STF começa a julgar ações que questionam decisão do CNJ de acabar com manicômios judiciários
Opositores dizem que ações retiram direito de pessoas que necessitam de internamento; Conselho argumenta que SUS e Caps podem suprir esta necessidade
O Supremo Tribunal Federal (STF) começa a julgar nesta quinta-feira (10) a validade de uma resolução do Conselho Nacional de Justiça (CNJ) que determinou o fechamento de manicômios judiciários — estabelecimentos que abrigam pessoas que cometeram crimes e têm transtorno mental.
Segundo matéria da Folha de São Paulo, a norma afirma que pessoas consideradas inimputáveis pela Justiça —quando o réu não pode responder por seus atos— devem ser transferidas para atendimento nos Centros de Atenção Psicossocial (Caps) do Sistema Único de Saúde (SUS). Quatro entidades entraram com ações no STF questionando a diretriz: os partidos Podemos e União Brasil, as associações Brasileira de Psiquiatria e a Nacional dos Membros do Ministério Público. Todos os processos são de relatoria do ministro Edson Fachin.
Para os autores das ações, a resolução tira o direito de pessoas que necessitam de internamento em estabelecimentos médicos psiquiátricos do direito de restaurar sua saúde mental. Além disso, eles argumentam que o CNJ teria extrapolado suas atribuições ao editar a norma e alterar a aplicação de regras previstas no Código Penal. O texto cita, por exemplo, a previsão de medida de segurança de internação e a exigência de perícia médica psiquiátrica para avaliação, algo que poderia ser feito apenas por meio de lei federal.
Em complemento, eles apresentaram ainda uma nota de entidades médicas afirmando que a norma possibilitaria a soltura de pessoas sem condições de conviver em sociedade, o que representaria violação do direito à segurança pública e argumentam também que o fim dos estabelecimentos manicomiais atingiria direitos fundamentais das pessoas presas e submetidas a medidas de segurança, contrariando os parâmetros estabelecidos pela Convenção Internacional sobre os Direitos das Pessoas com Deficiência.
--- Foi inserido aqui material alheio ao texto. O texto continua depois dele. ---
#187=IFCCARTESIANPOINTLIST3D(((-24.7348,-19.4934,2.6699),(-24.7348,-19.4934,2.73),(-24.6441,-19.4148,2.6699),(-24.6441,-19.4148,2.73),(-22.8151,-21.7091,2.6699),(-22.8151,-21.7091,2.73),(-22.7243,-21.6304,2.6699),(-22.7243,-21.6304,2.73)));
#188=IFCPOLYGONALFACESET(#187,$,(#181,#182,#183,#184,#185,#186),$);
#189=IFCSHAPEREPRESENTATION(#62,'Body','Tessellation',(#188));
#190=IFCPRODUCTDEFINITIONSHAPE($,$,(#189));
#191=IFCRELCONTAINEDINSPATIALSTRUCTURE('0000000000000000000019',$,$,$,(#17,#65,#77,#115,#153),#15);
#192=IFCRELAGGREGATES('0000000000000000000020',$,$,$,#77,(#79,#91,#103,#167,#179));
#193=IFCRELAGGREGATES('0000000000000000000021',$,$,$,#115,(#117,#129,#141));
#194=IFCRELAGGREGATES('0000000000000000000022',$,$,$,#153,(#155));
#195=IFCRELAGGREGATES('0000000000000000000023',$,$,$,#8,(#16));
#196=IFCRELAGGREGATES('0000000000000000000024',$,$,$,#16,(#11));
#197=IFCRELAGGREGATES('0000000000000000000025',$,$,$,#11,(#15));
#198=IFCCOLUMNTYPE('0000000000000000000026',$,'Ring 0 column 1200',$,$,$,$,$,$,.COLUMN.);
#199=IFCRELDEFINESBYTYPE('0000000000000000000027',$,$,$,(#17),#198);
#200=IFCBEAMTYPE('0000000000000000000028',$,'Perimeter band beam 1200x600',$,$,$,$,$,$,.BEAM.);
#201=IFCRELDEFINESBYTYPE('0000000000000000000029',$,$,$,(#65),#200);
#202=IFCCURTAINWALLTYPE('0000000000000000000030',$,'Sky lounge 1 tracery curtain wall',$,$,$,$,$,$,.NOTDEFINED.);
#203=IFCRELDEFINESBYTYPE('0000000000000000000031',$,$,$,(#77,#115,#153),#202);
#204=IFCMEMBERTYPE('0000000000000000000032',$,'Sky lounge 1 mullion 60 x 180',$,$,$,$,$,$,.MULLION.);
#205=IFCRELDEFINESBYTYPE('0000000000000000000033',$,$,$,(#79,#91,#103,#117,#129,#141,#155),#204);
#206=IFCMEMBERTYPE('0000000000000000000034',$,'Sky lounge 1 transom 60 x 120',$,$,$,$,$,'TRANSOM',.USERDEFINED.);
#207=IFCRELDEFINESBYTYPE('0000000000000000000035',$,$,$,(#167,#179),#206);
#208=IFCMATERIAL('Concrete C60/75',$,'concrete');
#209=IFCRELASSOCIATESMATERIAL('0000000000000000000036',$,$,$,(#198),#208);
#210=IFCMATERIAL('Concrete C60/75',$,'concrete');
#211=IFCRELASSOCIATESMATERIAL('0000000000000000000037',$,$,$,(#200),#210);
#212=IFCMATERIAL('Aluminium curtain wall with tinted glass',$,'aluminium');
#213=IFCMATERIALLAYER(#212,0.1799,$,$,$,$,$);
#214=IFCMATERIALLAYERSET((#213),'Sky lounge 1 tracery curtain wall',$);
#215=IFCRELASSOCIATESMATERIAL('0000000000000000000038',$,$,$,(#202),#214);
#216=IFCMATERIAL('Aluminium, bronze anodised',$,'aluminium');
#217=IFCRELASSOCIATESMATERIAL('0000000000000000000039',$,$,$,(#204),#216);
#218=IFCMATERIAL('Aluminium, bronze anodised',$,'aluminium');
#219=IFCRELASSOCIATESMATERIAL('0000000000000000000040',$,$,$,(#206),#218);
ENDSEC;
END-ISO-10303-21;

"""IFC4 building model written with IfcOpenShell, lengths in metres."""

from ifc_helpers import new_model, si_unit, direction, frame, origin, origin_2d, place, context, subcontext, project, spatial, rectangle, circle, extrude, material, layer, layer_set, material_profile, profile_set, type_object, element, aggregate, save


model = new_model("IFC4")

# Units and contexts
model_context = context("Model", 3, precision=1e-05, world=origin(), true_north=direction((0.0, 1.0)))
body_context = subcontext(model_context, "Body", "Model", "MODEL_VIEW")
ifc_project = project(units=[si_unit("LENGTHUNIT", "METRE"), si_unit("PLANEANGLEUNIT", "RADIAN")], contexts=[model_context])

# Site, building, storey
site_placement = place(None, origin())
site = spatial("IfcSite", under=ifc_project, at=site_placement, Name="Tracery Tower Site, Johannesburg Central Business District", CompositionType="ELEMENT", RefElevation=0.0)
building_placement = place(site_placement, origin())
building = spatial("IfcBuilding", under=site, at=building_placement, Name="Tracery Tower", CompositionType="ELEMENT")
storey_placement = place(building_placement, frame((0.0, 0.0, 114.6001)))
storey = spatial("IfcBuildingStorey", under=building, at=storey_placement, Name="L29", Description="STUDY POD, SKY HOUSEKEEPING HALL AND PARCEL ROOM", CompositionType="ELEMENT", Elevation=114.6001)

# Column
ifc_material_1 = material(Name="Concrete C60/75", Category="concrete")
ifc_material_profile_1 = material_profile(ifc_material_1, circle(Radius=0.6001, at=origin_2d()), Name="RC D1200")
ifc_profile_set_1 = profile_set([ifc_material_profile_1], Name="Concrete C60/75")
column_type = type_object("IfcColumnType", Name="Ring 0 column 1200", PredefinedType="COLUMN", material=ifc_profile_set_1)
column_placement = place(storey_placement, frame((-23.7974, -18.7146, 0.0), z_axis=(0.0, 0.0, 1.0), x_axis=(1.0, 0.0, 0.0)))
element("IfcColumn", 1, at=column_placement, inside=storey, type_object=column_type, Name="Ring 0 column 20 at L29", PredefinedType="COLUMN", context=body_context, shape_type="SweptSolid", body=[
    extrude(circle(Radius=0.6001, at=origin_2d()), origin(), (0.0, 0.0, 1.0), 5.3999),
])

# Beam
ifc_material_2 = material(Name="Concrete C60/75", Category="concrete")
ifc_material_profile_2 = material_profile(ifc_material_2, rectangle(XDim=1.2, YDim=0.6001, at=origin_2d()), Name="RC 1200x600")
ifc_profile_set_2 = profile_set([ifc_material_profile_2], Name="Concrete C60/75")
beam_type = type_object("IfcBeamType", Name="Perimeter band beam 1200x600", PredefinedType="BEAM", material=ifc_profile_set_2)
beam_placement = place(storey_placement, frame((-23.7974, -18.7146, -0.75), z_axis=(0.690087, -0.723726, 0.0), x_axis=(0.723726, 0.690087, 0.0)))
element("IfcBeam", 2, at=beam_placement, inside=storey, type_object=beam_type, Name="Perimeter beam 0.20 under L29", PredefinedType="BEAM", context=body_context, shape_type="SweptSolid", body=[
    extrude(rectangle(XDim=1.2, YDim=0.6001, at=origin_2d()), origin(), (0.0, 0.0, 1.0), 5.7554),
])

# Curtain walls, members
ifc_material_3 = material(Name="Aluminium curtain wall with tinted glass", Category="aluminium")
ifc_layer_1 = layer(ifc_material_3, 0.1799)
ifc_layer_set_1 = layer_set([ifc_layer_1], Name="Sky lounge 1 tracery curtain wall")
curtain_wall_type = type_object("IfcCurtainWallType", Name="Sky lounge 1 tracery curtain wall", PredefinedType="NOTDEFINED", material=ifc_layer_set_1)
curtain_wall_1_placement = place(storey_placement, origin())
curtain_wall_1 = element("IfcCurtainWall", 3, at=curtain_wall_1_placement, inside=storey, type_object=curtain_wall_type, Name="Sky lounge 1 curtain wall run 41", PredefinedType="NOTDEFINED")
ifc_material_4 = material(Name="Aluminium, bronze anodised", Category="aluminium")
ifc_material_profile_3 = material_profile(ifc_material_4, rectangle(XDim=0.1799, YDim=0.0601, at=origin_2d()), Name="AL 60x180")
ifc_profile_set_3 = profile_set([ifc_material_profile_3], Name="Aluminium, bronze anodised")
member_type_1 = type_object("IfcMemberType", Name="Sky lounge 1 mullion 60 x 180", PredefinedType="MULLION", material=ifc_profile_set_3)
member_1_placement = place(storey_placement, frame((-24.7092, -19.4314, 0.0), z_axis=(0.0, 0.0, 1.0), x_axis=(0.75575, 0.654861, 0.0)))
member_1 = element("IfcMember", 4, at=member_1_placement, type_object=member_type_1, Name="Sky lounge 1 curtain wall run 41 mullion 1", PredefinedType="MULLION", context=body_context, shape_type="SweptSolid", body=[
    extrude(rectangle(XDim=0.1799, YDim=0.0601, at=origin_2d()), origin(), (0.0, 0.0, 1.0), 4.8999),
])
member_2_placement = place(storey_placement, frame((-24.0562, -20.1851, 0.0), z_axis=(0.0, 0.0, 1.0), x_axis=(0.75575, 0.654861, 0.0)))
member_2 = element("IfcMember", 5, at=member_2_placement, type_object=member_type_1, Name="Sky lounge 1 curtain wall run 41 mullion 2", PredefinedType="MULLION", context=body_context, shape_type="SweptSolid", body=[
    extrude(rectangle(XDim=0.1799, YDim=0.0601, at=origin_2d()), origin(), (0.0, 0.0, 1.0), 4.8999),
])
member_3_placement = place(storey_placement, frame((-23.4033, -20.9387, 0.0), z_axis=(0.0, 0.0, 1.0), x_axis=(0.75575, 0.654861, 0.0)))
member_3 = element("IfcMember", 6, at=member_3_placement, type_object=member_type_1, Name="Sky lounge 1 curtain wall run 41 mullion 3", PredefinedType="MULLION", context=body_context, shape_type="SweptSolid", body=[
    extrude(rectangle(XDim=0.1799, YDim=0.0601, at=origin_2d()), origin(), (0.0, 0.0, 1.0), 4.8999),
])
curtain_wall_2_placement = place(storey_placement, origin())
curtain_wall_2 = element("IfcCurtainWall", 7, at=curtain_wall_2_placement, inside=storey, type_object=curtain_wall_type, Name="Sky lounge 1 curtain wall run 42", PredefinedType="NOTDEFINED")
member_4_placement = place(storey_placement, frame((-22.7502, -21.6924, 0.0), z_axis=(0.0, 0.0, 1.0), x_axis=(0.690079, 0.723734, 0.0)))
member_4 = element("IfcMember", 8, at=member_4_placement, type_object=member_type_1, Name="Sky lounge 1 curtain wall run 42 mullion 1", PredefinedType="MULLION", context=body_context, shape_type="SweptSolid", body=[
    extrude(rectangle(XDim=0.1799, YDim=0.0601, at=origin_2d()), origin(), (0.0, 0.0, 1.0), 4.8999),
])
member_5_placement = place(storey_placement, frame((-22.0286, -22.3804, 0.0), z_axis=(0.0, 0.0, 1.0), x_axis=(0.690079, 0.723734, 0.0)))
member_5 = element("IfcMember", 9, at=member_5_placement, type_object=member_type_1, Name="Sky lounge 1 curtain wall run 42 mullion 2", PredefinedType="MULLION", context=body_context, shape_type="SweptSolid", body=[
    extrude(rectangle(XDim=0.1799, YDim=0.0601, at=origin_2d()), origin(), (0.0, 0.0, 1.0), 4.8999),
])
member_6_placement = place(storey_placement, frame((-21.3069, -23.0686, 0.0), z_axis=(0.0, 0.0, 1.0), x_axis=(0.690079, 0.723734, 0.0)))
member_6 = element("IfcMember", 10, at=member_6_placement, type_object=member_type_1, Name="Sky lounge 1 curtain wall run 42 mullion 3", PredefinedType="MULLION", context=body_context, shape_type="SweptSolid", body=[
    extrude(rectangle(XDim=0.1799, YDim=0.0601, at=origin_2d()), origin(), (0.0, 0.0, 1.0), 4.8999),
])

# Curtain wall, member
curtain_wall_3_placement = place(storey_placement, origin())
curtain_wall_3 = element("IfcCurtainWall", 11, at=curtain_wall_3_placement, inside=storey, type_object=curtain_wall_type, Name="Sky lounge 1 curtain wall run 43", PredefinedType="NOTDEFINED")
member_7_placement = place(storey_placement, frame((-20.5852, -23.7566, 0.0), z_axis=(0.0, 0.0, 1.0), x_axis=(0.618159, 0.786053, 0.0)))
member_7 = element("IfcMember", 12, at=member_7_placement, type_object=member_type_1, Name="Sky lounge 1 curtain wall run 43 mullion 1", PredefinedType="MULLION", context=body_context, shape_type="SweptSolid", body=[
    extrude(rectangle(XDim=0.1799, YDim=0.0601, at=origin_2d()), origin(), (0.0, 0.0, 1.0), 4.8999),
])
As ações ainda alegam que o número de Caps, unidades e profissionais especializados em saúde mental disponíveis para atendimento seria insuficiente para a demanda atual de pacientes, situação que seria agravada com a implementação da resolução. Gestores públicos estaduais e municipais já chegaram a afirmar que o SUS carece de estrutura adequada para receber estas pessoas por causa de restrições orçamentárias.
O vice-presidente do Conasems (Conselho Nacional de Secretarias Municipais de Saúde), Geraldo Reple Sobrinho, aponta também a falta de familiares dispostos a acolher as pessoas que saem dessas unidades e que devem ser encaminhadas aos serviços residenciais terapêuticos.
Sobrinho dá como exemplo o caso de São Bernardo do Campo (SP), onde ele atua como secretário municipal de Saúde, em que o custo de uma residência terapêutica para oito pessoas é de R$ 75 mil por mês e que muitas poderiam ser encaminhadas para moradias ou abrigos, sem precisar de toda essa estrutura, que demanda médicos e equipes 24 horas.
Ele acrescenta que o órgão tem dialogado com o CNJ para flexibilizar a resolução e que também há casos de pessoas que deveriam estar em presídios, pois representam riscos para a sociedade. O CNJ, por sua vez, sustenta que a resolução é direcionada ao Poder Judiciário e regulamenta disposições já previstas pela Lei Antimanicomial, de 2001 e pela convenção para pessoas com deficiência.
O Conselho argumenta ainda que o objetivo da norma é proteger o direito fundamental à saúde das pessoas com transtorno mental ou qualquer forma de deficiência psicossocial no âmbito do processo penal e da execução da medida de segurança e que um estudo realizado por eles mostrou que a maioria das pessoas internadas em manicômios judiciários possuem o perfil de homens pardos e pretos com diagnóstico de esquizofrenia e envolvidos em crimes de homicídio.
Desde fevereiro do ano passado, o CNJ tenta desativar essas instituições e encaminhar 2.276 internos para tratamento pelo SUS. Os tribunais terão até 29 de novembro deste ano para pedir a prorrogação dos prazos para implementação da resolução. A estrutura da Rede de Atenção Psicossocial (Raps) é composta por diferentes serviços de atenção à saúde mental e hospitais gerais com leitos psiquiátricos.